I've been doing this for about 18 years. Sometimes I am able to do it more than other times. I also spend entire nights online doing it and sacrifice sleep. I love my partners they are like my best friends. Except, they aren't real friends and I don't really know them. 

Now, I completely understand that it's possible to have a connection with people via the internet, fine, I'm not denying that but this is seriously cutting into what is sane for me. I have recently noticed this after (For some reason and I don't know WHY) literally all of my partners just stopped responding/coming online. Yes, this is really unusual and since I can't contact any of them (there's a good group) as none are responding to me or even active on their own pages, I mean for a few weeks at this point, I have noticed what an obsession I have with doing this.

I am still up all night, watching the website hoping someone will get on. I am sacrificing my time for it and nothing is happening. I am getting deeply depressed that, for whatever reason, all at once, all my partners just straight up quit roleplaying. Not only do I realize that I'm doing this but I can't find anything else to fill my time with because I don't want to. I know I have to though. 

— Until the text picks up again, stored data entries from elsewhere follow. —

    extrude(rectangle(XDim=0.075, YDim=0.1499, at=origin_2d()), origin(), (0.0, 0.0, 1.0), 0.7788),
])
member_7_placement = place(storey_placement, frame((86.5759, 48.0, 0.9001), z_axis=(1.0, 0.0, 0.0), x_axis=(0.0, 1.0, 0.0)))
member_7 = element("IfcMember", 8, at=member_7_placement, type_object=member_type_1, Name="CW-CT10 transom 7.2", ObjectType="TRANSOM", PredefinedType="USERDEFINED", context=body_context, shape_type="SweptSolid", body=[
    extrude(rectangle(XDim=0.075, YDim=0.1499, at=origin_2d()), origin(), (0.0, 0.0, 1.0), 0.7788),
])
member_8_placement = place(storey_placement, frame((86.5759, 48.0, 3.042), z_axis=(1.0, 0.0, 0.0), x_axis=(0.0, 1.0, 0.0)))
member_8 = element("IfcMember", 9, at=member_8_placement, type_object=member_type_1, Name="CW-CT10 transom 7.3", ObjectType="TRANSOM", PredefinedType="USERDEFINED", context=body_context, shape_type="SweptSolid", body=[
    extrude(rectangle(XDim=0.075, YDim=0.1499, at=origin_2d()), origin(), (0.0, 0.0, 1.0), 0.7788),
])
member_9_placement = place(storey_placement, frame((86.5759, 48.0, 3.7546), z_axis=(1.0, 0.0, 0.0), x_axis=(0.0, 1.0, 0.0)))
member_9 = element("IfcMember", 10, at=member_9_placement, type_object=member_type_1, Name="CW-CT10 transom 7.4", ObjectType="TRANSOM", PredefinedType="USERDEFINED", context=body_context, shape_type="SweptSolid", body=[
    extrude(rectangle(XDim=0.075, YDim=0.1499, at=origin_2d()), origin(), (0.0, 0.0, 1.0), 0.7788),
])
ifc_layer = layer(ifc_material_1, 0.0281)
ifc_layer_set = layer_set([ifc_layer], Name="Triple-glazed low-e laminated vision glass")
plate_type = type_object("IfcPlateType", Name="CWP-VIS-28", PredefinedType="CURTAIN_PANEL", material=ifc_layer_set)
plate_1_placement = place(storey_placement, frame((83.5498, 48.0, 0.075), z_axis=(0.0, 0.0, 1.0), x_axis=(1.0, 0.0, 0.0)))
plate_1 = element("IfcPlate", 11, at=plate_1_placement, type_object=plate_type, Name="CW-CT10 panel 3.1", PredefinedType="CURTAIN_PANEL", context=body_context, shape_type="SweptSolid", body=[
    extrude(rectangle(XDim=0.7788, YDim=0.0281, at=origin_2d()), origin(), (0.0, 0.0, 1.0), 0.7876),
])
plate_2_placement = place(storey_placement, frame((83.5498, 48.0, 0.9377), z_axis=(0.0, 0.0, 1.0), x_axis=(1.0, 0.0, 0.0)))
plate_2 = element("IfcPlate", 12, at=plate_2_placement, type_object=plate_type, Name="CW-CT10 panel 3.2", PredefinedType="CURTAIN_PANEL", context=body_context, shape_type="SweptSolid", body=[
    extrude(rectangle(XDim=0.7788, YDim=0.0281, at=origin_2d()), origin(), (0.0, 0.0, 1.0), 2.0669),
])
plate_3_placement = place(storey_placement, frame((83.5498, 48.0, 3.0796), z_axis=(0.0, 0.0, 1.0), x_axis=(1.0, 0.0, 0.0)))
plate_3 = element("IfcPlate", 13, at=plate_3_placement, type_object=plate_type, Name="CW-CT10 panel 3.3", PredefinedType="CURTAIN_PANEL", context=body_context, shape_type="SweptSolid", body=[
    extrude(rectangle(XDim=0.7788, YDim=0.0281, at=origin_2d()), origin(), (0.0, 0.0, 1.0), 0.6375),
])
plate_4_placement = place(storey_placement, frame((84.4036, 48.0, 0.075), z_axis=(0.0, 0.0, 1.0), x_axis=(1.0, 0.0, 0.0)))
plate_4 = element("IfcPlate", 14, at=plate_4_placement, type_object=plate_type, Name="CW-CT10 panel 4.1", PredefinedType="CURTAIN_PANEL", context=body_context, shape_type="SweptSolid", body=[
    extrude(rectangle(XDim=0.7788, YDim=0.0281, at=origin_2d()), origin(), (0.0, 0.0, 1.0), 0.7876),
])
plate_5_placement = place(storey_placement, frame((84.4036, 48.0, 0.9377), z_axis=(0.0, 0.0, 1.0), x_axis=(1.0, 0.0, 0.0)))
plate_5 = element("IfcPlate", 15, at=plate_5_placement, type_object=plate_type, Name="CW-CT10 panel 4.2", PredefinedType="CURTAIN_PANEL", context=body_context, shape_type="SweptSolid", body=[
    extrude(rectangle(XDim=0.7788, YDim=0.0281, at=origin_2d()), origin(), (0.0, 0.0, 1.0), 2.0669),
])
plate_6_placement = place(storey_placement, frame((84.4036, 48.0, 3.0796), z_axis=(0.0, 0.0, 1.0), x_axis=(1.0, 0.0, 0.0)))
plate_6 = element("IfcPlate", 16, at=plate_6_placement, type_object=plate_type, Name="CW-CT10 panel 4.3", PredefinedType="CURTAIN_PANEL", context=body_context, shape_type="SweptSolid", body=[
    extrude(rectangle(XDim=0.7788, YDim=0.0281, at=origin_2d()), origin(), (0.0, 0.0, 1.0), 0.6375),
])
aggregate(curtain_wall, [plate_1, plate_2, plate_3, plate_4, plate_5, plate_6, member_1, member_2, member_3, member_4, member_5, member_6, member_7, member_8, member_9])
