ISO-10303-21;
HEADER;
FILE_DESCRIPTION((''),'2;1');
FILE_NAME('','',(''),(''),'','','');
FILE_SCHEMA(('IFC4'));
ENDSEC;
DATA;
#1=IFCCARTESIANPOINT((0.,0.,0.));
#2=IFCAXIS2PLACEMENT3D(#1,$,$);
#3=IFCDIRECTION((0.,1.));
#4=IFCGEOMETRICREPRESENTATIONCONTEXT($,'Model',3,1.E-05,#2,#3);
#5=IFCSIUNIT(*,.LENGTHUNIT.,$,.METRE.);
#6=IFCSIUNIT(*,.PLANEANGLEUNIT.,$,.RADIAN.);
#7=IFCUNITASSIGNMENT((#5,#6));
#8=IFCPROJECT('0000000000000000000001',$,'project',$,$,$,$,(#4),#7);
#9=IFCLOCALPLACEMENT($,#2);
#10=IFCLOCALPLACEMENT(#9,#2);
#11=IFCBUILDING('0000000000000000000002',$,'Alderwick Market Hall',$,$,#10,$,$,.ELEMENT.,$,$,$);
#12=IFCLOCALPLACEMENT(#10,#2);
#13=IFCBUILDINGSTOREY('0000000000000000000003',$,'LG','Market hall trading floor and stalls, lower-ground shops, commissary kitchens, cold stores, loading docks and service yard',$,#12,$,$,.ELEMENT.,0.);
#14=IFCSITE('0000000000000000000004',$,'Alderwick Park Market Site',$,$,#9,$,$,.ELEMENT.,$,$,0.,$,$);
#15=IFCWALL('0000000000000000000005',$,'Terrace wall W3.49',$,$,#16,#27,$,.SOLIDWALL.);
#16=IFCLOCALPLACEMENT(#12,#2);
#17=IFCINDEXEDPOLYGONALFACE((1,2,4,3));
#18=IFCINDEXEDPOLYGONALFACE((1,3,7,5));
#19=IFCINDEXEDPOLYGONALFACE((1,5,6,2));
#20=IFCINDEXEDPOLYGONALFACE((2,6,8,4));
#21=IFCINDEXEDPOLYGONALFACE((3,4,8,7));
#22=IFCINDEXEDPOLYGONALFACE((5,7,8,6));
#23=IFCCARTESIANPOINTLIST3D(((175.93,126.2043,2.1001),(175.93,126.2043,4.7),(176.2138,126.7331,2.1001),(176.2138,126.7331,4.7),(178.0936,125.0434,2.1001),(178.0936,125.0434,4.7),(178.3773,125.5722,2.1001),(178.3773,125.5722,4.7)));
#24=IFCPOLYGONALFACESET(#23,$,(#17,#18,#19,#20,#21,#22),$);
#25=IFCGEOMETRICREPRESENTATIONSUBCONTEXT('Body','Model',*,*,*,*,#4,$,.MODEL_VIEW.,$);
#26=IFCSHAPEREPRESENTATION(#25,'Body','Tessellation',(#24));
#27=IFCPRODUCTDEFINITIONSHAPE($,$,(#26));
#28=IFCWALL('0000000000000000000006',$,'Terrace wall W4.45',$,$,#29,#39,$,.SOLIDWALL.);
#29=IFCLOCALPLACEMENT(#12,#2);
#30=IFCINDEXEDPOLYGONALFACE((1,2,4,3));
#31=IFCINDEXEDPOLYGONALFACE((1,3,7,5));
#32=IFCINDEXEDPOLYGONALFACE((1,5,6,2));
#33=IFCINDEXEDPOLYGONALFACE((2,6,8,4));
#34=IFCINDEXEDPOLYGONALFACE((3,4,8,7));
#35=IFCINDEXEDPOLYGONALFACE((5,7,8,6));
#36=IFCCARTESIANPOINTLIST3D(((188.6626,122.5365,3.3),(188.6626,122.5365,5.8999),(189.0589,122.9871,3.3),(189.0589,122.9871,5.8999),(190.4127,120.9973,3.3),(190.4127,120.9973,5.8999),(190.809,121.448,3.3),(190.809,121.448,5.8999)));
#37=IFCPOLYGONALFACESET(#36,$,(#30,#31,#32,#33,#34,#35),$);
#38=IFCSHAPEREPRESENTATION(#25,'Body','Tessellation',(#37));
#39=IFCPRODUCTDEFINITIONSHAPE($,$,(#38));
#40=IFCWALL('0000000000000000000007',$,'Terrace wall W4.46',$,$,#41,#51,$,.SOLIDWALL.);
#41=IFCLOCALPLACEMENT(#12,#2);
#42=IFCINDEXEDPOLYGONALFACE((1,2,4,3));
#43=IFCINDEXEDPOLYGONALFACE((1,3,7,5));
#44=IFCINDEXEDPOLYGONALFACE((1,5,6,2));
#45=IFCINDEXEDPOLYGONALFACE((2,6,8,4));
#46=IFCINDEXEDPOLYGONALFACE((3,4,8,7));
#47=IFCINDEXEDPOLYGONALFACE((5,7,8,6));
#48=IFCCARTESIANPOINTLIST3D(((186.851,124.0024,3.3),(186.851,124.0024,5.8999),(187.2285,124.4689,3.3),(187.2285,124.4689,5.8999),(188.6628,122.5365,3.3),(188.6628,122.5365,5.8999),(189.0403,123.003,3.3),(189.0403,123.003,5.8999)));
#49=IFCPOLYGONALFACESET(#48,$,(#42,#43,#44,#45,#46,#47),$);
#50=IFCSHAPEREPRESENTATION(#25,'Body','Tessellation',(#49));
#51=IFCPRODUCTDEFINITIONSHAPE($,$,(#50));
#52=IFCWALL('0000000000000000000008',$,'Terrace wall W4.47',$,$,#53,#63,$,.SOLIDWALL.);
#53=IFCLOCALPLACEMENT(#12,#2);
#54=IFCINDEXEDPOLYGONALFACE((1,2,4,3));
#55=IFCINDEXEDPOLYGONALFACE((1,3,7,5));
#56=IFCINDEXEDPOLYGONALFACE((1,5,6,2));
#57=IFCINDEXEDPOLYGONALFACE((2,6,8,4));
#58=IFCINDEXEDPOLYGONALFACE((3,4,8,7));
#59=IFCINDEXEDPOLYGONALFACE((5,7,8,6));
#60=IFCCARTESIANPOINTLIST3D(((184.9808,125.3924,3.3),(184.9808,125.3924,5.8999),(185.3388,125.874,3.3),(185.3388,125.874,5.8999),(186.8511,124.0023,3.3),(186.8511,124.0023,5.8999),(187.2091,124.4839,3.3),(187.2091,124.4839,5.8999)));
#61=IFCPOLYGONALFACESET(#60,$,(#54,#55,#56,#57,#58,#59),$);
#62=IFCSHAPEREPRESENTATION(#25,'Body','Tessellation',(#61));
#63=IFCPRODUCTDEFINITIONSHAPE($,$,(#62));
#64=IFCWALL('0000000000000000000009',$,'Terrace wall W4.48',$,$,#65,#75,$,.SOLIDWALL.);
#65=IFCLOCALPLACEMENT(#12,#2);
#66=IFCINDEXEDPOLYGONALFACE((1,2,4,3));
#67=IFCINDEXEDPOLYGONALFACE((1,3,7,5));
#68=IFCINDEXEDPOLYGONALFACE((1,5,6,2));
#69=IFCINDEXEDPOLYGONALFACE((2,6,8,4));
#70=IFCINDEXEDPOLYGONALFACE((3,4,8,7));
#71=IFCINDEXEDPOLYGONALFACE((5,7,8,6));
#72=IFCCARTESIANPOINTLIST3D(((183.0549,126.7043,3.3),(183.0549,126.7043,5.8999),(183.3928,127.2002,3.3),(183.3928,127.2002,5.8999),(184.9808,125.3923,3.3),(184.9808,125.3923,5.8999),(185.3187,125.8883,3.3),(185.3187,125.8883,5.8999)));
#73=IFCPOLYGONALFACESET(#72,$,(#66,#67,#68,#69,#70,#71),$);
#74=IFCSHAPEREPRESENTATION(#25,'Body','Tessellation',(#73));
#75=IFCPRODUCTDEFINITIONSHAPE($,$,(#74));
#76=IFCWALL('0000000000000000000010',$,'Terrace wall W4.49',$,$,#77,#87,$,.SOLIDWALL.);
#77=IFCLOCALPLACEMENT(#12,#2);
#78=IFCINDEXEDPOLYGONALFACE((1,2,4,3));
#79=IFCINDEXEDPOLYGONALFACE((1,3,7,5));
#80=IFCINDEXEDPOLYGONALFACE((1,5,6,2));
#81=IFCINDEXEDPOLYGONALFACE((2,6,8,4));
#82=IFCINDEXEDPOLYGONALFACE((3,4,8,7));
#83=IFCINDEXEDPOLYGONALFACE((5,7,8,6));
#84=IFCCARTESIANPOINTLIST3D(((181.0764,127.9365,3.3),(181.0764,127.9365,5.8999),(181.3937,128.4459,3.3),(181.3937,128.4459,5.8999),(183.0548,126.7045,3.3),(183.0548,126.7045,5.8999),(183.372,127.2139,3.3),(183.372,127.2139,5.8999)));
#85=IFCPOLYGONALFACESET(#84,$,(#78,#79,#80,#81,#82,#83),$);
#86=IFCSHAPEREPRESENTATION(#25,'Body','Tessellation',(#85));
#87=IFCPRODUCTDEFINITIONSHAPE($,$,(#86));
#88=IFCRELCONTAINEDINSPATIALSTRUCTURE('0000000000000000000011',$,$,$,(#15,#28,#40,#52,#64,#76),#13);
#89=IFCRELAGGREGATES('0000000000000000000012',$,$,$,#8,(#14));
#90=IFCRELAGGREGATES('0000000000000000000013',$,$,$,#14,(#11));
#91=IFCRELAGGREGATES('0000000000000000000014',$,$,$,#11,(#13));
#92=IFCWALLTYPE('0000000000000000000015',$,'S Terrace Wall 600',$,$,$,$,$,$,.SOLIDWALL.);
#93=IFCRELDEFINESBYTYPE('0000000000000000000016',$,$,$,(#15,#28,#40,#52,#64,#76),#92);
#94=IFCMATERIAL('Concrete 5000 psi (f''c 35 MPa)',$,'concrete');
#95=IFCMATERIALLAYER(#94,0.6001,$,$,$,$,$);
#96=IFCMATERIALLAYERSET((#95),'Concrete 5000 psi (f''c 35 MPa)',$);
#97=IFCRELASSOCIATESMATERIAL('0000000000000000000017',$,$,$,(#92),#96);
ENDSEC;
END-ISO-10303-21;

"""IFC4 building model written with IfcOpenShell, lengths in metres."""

from ifc_helpers import new_model, si_unit, direction, frame, frame_2d, origin, place, context, subcontext, project, spatial, rectangle, extrude, material, layer, layer_set, type_object, element, save


model = new_model("IFC4")

# Units and contexts
model_context = context("Model", 3, precision=1e-05, world=origin(), true_north=direction((0.0, 1.0)))
body_context = subcontext(model_context, "Body", "Model", "MODEL_VIEW")
ifc_project = project(units=[si_unit("LENGTHUNIT", "METRE"), si_unit("PLANEANGLEUNIT", "RADIAN")], contexts=[model_context])

# Site, building, storey
site_placement = place(None, origin())
site = spatial("IfcSite", under=ifc_project, at=site_placement, Name="Alderwick Park Market Site", CompositionType="ELEMENT", RefElevation=0.0)
building_placement = place(site_placement, origin())
building = spatial("IfcBuilding", under=site, at=building_placement, Name="Alderwick Market Hall", CompositionType="ELEMENT")
storey_placement = place(building_placement, origin())
storey = spatial("IfcBuildingStorey", under=building, at=storey_placement, Name="LG", Description="Market hall trading floor and stalls, lower-ground shops, commissary kitchens, cold stores, loading docks and service yard", CompositionType="ELEMENT", Elevation=0.0)

# Shared definitions
ifc_material_1 = material(Name="Concrete 5000 psi (f'c 35 MPa)", Category="concrete")

# Walls
ifc_layer_1 = layer(ifc_material_1, 0.6001)
ifc_layer_set_1 = layer_set([ifc_layer_1], Name="Concrete 5000 psi (f'c 35 MPa)")
wall_type_1 = type_object("IfcWallType", Name="S Terrace Wall 600", PredefinedType="SOLIDWALL", material=ifc_layer_set_1)
for number, where, z_axis, x_axis, name in (
    (1, (178.2354, 125.3079, 2.1001), (0.0, 0.0, 1.0), (-0.881169, 0.472801, 0.0), "Terrace wall W3.49"),
):
    element("IfcWall", number, at=place(storey_placement, frame(where, z_axis=z_axis, x_axis=x_axis)), inside=storey, type_object=wall_type_1, Name=name, PredefinedType="SOLIDWALL", context=body_context, shape_type="SweptSolid", body=[
        extrude(rectangle(XDim=2.4553, YDim=0.6001, at=frame_2d((1.2275, 0.0))), origin(), (0.0, 0.0, 1.0), 2.5999),
    ])
for number, where, z_axis, x_axis, name in (
    (2, (190.6108, 121.2227, 3.3), (0.0, 0.0, 1.0), (-0.750913, 0.660401, 0.0), "Terrace wall W4.45"),
    (3, (188.8516, 122.7698, 3.3), (0.0, 0.0, 1.0), (-0.777423, 0.628978, 0.0), "Terrace wall W4.46"),
):
    element("IfcWall", number, at=place(storey_placement, frame(where, z_axis=z_axis, x_axis=x_axis)), inside=storey, type_object=wall_type_1, Name=name, PredefinedType="SOLIDWALL", context=body_context, shape_type="SweptSolid", body=[
        extrude(rectangle(XDim=2.3306, YDim=0.6001, at=frame_2d((1.1653, 0.0))), origin(), (0.0, 0.0, 1.0), 2.5999),
    ])
for number, where, z_axis, x_axis, name in (
    (4, (187.03, 124.2432, 3.3), (0.0, 0.0, 1.0), (-0.802595, 0.596525, 0.0), "Terrace wall W4.47"),
    (5, (185.1497, 125.6404, 3.3), (0.0, 0.0, 1.0), (-0.826464, 0.562989, 0.0), "Terrace wall W4.48"),
):
    element("IfcWall", number, at=place(storey_placement, frame(where, z_axis=z_axis, x_axis=x_axis)), inside=storey, type_object=wall_type_1, Name=name, PredefinedType="SOLIDWALL", context=body_context, shape_type="SweptSolid", body=[
        extrude(rectangle(XDim=2.3303, YDim=0.6001, at=frame_2d((1.165, 0.0))), origin(), (0.0, 0.0, 1.0), 2.5999),
    ])
wall_placement = place(storey_placement, frame((183.2134, 126.9592, 3.3), z_axis=(0.0, 0.0, 1.0), x_axis=(-0.848862, 0.528614, 0.0)))
element("IfcWall", 6, at=wall_placement, inside=storey, type_object=wall_type_1, Name="Terrace wall W4.49", PredefinedType="SOLIDWALL", context=body_context, shape_type="SweptSolid", body=[
    extrude(rectangle(XDim=2.3306, YDim=0.6001, at=frame_2d((1.1653, 0.0))), origin(), (0.0, 0.0, 1.0), 2.5999),
])

save(model, "model.ifc")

For one, I don't have the best life to begin with and my roleplaying was not interfering with my real life relationships (I still always hung out with friends, went out, I didn't neglect work or school). I had a good balance between roleplay and real life and I still do. Except now, beyond my control all my partners have vanished. They are either all ignoring me and not telling me, or they just aren't there at all, for whatever weird reason. This means that though I don't WANT to give it up I HAVE To and that's coupled with knowing that I SHOULD because I'm too old for this anyway and it's causing me to lose sleep, I just don't know HOW to give it up. 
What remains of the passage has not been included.